🤖 AI Summary
This work addresses the limitations of centralized SDN in handling bursty traffic and the poor robustness of existing learning-based approaches under distribution shifts due to their reliance on offline training. The authors propose a hierarchical traffic control framework that enables online adaptation at edge nodes while adhering to global policy constraints. By employing policy envelopes to bound the action space per path, the framework supports real-time decisions on metering, queuing, and rerouting, ensuring local policies remain auditable and rollback-capable.
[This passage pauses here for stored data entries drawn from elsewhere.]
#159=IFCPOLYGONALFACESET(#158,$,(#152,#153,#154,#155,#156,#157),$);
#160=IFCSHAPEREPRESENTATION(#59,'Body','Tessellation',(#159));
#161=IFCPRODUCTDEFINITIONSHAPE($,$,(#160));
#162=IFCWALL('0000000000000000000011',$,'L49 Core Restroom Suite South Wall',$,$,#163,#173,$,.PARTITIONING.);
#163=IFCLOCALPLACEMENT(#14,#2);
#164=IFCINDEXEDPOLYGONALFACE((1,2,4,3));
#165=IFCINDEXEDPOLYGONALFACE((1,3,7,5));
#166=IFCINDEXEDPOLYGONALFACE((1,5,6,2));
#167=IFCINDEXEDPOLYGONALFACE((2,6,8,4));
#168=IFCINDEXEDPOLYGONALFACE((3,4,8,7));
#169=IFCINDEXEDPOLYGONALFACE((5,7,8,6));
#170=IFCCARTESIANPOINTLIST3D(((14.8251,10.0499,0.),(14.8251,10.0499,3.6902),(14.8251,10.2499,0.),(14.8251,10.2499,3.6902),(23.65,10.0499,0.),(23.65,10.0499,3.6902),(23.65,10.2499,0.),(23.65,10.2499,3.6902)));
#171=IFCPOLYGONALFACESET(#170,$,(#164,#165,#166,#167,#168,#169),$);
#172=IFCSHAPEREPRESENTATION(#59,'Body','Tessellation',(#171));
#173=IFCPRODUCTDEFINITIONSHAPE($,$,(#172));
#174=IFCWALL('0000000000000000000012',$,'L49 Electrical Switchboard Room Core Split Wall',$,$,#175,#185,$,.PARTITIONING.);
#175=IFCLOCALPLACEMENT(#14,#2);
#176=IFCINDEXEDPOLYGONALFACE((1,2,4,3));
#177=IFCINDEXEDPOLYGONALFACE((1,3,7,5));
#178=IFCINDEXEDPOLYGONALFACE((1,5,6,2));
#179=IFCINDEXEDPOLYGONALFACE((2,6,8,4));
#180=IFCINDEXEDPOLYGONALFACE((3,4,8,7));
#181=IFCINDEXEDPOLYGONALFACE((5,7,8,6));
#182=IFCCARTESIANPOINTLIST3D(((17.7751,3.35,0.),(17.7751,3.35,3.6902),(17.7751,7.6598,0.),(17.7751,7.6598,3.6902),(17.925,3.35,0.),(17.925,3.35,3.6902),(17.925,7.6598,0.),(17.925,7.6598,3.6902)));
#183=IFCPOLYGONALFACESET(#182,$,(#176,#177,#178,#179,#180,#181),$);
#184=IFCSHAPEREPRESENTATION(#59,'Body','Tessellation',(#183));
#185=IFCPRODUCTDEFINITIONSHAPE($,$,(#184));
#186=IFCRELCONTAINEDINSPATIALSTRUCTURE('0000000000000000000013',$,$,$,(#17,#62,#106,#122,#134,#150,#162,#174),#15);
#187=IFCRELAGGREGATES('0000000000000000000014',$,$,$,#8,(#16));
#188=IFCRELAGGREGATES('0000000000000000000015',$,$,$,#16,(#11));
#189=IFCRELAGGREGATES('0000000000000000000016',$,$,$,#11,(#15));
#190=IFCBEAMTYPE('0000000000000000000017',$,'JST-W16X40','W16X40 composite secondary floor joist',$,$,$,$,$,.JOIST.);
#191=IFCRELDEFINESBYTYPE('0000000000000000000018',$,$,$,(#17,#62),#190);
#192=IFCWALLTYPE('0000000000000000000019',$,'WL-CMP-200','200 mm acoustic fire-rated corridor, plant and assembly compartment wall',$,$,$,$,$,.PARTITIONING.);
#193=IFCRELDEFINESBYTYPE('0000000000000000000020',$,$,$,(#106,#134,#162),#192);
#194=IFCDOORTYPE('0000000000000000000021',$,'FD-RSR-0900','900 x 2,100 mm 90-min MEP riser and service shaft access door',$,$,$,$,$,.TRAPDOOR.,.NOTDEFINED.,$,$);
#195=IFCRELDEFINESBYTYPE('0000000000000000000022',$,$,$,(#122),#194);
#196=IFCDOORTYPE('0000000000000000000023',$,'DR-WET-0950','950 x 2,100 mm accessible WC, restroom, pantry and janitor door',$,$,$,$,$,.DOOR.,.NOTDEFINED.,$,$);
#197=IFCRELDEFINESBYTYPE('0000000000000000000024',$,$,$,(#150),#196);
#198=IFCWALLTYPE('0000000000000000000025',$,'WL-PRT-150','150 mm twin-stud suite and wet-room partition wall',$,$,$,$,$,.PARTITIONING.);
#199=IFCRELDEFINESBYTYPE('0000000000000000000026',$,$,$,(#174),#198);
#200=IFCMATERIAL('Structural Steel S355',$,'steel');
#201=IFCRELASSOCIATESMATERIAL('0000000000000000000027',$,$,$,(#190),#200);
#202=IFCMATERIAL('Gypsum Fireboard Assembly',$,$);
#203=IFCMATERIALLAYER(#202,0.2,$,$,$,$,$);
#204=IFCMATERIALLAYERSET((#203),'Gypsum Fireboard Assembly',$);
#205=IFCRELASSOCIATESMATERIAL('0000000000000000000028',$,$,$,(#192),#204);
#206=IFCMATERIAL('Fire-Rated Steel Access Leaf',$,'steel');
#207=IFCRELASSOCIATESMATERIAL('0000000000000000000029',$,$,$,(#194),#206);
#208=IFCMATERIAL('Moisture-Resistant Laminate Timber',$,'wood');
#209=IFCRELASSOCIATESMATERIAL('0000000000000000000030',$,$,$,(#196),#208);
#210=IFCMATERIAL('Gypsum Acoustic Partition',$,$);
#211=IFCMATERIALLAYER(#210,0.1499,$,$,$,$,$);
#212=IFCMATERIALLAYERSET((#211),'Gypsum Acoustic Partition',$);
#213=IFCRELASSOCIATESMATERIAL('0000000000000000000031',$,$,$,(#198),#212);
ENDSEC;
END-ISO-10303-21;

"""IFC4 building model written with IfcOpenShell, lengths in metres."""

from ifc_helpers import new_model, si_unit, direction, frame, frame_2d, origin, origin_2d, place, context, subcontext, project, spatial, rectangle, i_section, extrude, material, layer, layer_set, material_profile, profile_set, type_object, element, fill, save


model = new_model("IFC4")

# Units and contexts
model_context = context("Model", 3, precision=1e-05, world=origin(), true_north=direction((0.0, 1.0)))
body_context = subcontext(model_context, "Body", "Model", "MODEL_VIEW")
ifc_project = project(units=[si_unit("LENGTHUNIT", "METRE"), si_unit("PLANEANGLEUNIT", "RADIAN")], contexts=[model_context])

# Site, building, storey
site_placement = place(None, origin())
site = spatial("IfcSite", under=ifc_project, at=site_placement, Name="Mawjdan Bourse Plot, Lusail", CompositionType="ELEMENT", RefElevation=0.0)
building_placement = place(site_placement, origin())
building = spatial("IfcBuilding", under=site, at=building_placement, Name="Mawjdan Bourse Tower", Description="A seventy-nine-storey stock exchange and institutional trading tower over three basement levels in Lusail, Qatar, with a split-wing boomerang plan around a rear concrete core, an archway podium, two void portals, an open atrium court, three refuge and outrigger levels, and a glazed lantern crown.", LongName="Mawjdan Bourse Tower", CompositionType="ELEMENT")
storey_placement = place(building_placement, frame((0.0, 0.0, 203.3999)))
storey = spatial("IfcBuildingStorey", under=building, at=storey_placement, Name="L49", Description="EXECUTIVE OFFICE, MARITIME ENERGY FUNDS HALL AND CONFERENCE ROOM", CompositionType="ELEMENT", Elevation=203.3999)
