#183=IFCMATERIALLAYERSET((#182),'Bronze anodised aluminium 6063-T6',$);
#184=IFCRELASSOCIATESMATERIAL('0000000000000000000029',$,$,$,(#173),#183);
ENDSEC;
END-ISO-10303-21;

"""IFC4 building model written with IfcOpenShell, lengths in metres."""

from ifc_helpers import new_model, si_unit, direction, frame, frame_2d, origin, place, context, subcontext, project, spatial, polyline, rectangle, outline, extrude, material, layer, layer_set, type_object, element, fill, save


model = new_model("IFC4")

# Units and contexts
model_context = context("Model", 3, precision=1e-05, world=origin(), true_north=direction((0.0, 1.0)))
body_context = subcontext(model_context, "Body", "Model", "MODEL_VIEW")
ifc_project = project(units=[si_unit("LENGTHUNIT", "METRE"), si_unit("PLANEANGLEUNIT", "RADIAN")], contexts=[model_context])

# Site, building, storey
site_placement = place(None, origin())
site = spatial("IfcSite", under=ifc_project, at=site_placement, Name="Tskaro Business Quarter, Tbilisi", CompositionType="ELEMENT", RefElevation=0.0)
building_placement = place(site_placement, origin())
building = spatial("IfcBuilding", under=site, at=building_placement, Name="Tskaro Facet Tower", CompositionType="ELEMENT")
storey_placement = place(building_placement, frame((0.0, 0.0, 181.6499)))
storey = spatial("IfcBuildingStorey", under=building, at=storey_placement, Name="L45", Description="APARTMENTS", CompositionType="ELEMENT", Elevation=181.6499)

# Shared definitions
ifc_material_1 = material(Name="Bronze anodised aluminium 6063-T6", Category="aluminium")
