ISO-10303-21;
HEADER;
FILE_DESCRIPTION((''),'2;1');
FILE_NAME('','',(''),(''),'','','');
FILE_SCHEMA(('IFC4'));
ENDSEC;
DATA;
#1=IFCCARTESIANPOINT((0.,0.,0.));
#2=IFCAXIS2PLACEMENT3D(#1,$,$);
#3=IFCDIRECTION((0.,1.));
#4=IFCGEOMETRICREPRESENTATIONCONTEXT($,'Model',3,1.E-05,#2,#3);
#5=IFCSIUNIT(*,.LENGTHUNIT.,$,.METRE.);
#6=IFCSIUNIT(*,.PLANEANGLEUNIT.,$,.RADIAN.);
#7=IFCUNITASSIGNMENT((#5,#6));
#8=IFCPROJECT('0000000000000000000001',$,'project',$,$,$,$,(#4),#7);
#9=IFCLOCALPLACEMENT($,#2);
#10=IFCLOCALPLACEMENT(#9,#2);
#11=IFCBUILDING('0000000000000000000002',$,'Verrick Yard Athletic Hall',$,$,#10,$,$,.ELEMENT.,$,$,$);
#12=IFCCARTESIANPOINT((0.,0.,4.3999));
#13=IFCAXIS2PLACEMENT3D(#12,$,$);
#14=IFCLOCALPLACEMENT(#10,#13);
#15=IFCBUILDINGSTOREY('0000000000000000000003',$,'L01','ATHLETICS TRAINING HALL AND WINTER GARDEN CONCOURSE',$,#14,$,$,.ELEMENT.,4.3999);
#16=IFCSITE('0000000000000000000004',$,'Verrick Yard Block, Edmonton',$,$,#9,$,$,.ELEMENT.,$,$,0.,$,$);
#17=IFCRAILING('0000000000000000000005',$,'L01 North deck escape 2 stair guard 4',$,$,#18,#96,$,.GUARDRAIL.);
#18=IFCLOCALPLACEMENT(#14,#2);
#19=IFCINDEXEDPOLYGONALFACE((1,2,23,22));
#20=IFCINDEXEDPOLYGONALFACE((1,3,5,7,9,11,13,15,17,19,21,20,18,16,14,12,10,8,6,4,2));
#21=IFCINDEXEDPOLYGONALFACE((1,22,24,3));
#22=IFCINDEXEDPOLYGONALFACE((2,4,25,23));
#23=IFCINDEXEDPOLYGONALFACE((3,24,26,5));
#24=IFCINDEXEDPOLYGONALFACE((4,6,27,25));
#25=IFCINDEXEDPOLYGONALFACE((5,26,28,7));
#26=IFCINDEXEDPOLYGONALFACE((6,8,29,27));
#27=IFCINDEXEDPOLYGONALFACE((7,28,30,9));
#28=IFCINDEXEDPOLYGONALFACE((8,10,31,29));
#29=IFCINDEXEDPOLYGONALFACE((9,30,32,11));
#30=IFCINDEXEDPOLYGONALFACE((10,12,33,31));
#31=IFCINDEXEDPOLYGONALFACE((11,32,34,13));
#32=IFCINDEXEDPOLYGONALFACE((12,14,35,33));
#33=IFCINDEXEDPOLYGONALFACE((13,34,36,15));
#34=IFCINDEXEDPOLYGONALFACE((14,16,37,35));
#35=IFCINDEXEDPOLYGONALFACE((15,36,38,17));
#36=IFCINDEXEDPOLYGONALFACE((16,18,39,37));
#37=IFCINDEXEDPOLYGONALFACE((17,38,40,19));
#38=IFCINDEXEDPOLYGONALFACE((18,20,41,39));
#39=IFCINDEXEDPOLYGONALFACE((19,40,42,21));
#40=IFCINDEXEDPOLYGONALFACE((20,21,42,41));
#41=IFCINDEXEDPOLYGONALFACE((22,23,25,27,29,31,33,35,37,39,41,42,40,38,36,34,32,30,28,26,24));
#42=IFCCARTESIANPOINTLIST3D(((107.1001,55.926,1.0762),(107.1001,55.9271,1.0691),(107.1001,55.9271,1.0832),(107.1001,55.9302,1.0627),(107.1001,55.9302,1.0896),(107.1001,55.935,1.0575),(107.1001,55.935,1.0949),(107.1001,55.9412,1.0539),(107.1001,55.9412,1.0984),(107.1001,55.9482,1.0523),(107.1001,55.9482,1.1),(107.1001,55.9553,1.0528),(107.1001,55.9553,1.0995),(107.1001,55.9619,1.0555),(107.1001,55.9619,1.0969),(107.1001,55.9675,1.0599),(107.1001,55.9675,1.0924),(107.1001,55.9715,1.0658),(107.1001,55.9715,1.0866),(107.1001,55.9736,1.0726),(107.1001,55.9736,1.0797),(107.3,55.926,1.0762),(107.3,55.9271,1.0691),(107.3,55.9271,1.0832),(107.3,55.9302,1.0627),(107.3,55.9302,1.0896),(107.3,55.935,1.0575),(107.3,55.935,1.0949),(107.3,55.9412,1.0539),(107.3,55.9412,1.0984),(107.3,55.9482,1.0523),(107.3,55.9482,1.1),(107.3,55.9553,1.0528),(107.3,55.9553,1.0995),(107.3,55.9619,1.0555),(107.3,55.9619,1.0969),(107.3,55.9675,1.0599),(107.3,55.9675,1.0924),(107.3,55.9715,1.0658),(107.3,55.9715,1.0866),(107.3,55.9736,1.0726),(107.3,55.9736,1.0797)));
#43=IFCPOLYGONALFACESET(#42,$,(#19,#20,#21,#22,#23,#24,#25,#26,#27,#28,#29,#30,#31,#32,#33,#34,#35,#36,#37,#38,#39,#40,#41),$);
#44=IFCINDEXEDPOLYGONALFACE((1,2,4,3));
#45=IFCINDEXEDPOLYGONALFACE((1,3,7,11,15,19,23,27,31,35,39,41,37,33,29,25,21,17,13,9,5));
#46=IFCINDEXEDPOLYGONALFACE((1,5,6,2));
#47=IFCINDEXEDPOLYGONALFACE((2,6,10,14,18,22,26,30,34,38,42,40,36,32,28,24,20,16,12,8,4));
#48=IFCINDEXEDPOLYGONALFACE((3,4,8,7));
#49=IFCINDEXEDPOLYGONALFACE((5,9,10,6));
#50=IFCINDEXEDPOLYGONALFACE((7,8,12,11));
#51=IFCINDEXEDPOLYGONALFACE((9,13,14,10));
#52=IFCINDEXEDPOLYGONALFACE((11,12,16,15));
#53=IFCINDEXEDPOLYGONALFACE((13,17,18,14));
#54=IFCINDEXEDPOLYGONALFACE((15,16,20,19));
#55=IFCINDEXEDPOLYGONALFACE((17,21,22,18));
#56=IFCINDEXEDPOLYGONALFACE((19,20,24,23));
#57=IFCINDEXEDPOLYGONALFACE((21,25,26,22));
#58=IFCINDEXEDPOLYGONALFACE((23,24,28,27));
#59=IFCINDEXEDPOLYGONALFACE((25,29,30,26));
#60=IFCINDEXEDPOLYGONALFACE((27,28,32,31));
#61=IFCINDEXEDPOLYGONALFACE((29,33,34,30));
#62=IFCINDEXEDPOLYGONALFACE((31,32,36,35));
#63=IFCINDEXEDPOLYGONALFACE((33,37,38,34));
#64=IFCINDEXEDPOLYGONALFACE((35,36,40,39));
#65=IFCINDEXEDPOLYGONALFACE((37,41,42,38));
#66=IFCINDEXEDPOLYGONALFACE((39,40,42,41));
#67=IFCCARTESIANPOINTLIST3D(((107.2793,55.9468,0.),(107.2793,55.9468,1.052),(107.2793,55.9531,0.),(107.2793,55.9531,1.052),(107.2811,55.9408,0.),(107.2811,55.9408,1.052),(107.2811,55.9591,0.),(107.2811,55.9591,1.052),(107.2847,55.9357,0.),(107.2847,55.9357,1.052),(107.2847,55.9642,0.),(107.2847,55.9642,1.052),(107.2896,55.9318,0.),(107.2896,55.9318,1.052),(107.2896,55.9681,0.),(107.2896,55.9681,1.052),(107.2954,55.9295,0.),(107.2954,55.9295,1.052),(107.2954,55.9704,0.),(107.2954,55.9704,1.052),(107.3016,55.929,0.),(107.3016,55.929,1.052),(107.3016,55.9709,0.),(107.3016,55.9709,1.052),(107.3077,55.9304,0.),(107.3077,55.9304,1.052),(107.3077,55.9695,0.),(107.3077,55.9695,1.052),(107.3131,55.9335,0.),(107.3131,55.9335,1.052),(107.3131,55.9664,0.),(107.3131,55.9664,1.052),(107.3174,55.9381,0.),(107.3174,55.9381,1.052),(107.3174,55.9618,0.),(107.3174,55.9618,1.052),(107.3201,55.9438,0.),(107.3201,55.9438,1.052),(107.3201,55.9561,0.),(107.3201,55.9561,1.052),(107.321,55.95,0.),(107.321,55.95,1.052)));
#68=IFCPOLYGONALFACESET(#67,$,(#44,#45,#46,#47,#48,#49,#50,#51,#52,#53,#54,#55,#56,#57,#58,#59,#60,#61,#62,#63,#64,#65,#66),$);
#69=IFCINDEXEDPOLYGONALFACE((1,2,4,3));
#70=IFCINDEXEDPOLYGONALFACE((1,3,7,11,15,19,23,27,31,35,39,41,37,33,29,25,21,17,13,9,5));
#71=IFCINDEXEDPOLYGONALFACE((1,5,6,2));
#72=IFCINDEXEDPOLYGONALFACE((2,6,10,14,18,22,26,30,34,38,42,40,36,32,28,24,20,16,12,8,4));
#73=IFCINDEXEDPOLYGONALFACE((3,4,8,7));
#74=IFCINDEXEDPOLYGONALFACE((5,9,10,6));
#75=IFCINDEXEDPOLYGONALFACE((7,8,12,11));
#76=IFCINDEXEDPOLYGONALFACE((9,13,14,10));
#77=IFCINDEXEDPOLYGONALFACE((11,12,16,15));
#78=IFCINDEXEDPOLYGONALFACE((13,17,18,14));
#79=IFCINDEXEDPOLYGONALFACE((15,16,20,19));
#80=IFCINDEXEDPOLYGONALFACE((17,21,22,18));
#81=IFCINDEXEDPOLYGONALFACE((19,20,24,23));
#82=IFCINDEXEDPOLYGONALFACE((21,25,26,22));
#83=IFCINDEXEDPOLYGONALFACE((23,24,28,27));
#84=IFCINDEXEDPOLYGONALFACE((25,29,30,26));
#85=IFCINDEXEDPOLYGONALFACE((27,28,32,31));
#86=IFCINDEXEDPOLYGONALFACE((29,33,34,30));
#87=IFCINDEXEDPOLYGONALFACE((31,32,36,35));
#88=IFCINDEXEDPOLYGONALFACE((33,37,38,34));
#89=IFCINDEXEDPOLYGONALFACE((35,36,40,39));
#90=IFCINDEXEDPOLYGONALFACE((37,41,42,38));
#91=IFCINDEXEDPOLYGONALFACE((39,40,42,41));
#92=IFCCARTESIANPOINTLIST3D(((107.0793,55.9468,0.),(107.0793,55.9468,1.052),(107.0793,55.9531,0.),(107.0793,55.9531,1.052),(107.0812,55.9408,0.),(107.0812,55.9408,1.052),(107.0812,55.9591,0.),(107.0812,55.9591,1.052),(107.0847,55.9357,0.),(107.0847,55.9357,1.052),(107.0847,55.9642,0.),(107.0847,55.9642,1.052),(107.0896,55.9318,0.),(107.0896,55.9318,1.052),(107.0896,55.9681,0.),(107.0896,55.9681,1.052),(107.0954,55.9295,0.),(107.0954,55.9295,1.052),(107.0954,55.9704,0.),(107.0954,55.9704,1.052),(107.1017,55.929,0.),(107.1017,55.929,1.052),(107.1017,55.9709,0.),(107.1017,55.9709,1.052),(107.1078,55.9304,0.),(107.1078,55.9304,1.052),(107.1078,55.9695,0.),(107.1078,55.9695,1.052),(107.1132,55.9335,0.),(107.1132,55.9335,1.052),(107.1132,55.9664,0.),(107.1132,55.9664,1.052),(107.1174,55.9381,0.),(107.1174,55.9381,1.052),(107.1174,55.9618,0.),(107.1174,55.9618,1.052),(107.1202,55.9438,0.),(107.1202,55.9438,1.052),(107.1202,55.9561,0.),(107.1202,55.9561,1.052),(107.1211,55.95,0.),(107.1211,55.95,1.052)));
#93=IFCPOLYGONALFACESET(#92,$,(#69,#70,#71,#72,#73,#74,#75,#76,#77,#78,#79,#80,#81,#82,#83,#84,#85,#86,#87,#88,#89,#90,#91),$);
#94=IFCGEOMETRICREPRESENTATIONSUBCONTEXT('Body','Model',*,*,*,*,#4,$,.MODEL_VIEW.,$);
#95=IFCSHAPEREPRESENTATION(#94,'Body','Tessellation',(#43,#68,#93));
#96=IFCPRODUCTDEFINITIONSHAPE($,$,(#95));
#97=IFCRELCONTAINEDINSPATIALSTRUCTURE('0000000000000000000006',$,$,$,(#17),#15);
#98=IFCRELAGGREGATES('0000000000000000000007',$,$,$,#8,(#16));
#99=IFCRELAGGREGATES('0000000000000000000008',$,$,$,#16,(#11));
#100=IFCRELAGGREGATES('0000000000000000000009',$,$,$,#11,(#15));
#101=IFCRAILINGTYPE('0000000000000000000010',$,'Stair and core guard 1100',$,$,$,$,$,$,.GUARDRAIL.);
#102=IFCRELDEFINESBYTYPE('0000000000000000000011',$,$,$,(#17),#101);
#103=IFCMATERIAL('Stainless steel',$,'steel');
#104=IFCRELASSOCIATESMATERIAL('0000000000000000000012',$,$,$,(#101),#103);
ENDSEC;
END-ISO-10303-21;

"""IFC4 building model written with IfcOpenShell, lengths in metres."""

from ifc_helpers import new_model, si_unit, direction, frame, origin, origin_2d, place, context, subcontext, project, spatial, circle, extrude, material, type_object, element, save


model = new_model("IFC4")

# Units and contexts
model_context = context("Model", 3, precision=1e-05, world=origin(), true_north=direction((0.0, 1.0)))
body_context = subcontext(model_context, "Body", "Model", "MODEL_VIEW")
ifc_project = project(units=[si_unit("LENGTHUNIT", "METRE"), si_unit("PLANEANGLEUNIT", "RADIAN")], contexts=[model_context])

# Site, building, storey
site_placement = place(None, origin())
site = spatial("IfcSite", under=ifc_project, at=site_placement, Name="Verrick Yard Block, Edmonton", CompositionType="ELEMENT", RefElevation=0.0)
building_placement = place(site_placement, origin())
building = spatial("IfcBuilding", under=site, at=building_placement, Name="Verrick Yard Athletic Hall", CompositionType="ELEMENT")
storey_placement = place(building_placement, frame((0.0, 0.0, 4.3999)))
storey = spatial("IfcBuildingStorey", under=building, at=storey_placement, Name="L01", Description="ATHLETICS TRAINING HALL AND WINTER GARDEN CONCOURSE", CompositionType="ELEMENT", Elevation=4.3999)

# Railing
ifc_material_1 = material(Name="Stainless steel", Category="steel")
railing_type_1 = type_object("IfcRailingType", Name="Stair and core guard 1100", PredefinedType="GUARDRAIL", material=ifc_material_1)
railing_1_placement = place(storey_placement, frame((107.3, 55.95, 0.0)))
element("IfcRailing", 1, at=railing_1_placement, inside=storey, type_object=railing_type_1, Name="L01 North deck escape 2 stair guard 4", PredefinedType="GUARDRAIL", context=body_context, shape_type="SweptSolid", body=[
    extrude(circle(Radius=0.0239, at=origin_2d()), frame((0.0, 0.0, 1.0762), z_axis=(-1.0, 0.0, 0.0), x_axis=(0.0, -1.0, 0.0)), (0.0, 0.0, 1.0), 0.2),
    extrude(circle(Radius=0.021, at=origin_2d()), origin(), (0.0, 0.0, 1.0), 1.052),
    extrude(circle(Radius=0.021, at=origin_2d()), frame((-0.2, 0.0, 0.0)), (0.0, 0.0, 1.0), 1.052),
])

save(model, "model.ifc")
Integrating centralized policy compilation with edge-based reinforcement learning, the approach demonstrates significant improvements in a 1024-host testbed: compared to Static ECMP, it achieves a 35.5% increase in core link utilization, a 34.3% reduction in P99 flow completion time for elephant flows, and lowers SLA violation rates from 18.2% to 6.8%, with each edge agent consuming less than 2% CPU and only 12 MB of memory.
📝 Abstract
Software defined networks offer global visibility, yet centralized control loops are too slow for transient congestion and bursty traffic dynamics. Existing learned traffic control schemes often rely on offline training, making them fragile under distribution shifts. We present PolicyCache-SDN, a hierarchical SDN traffic control framework that enables local online adaptation under centralized policy control. Its key abstraction is a policy envelope: the controller compiles network wide intent into bounded per path action spaces, while edge agents learn and execute metering, queueing, and rerouting decisions only within those bounds. Policy envelopes also make local actions auditable and reversible when they affect shared bottlenecks. Evaluation on a 1,024 host software SDN testbed shows that PolicyCache-SDN improves average core link utilization by 35.5% over Static ECMP and 18.3% over Centralized TE. It reduces elephant flow P99 FCT by 34.3% over end host congestion control, lowers SLA violations from 18.2% to 6.8%, and uses less than 2% CPU and 12 MB memory per edge agent.
The source code is available in an anonymized repository at https://anonymous.4open.science/r/JCC2026-PolicyCache-SDN/.